El enemigo era ese: el Sky. Si un equipo toma la cabeza del pelotón desde el primer kilómetro, te está enviando un mensaje: soy el patrón. Por eso esperábamos que al ataque de Valverde sólo respondiera el trabajo del equipo de Chris Froome. Ningún otro. Era un buen día para desgastar al rodillo británico, para verle sufrir, para recoger las rentas… Eso esperábamos, pero eso no sucedió del todo. El Bahrain tomó las riendas del grupo perseguidor en el Roselend. Había dos lecturas: o pretendía recortar tiempo a Valverde, o estaba preparando su propio ataque. Lo segundo tenía sentido. Lo primero era un despropósito.
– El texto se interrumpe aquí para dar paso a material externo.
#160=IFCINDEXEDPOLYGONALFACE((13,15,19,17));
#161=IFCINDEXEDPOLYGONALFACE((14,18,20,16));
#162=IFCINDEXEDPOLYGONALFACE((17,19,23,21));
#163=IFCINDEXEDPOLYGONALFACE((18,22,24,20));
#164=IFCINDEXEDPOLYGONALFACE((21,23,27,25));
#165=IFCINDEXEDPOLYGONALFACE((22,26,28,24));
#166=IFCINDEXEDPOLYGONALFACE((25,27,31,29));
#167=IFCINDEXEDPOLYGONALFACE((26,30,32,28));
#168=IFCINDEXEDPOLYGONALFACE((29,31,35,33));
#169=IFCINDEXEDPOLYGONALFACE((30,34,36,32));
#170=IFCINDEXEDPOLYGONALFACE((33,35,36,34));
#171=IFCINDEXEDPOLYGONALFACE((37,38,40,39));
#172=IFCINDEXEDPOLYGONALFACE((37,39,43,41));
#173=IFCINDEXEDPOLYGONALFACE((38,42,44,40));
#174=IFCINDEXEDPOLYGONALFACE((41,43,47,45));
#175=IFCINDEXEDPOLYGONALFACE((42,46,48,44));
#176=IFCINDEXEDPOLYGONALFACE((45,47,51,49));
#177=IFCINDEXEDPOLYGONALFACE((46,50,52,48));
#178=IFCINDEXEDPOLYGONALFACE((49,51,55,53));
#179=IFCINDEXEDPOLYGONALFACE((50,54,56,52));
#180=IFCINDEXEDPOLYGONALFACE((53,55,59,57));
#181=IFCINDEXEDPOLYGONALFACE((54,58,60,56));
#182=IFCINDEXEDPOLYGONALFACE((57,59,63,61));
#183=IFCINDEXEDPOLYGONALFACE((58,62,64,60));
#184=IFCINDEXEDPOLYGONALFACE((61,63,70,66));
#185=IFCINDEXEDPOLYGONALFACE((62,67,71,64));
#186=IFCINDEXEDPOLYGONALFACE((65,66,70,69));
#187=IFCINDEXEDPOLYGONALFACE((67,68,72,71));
Nibali tensó en la bajada. Igual que Bardet. Son dos especialistas, se gustan en los descensos. Pero quien abrió más trecho en este terreno fue Dumoulin, que se lanzó junto a su compañero Andersen. Todavía hay mucho gallo con opciones. Cada cual juega sus cartas. Dumoulin empalmó con Valverde. Dos buenos galgos. O eso creíamos. Cuando Dumoulin le pidió relevos a Alejandro, el murciano le dijo que no. Detrás venía rearmado el Sky, a medio minuto. Pero sobre todo venían Mikel Landa y Nairo Quintana. El holandés es un rival de aúpa. Así que vuelta a la casilla de salida. ¿Quién es el jefe del Movistar? Valverde se descolgó. Y nos quedamos con las ganas de que Landa o Nairo hubieran dado continuidad a la estrategia.

Esa misma pregunta hay que hacérsela con el Sky. El palmarés eleva a Froome, obviamente. Aunque Geraint Thomas disfrutó de su oportunidad, con un ataque que le aupó al maillot amarillo. Primero atrapo a Dumoulin, pero miraba hacia atrás, a ver si venía Froome, que arrancó repetidas veces. El Sky estaba en modo exhibición. Froome se marchó finalmente. Nairo no respondió esta vez. Hacía tiempo que Landa ya se había descolgado. Froome cazó a Dumoulin y Thomas cazó a Nieve. No dejaron ni las migajas. Sí muchas víctimas.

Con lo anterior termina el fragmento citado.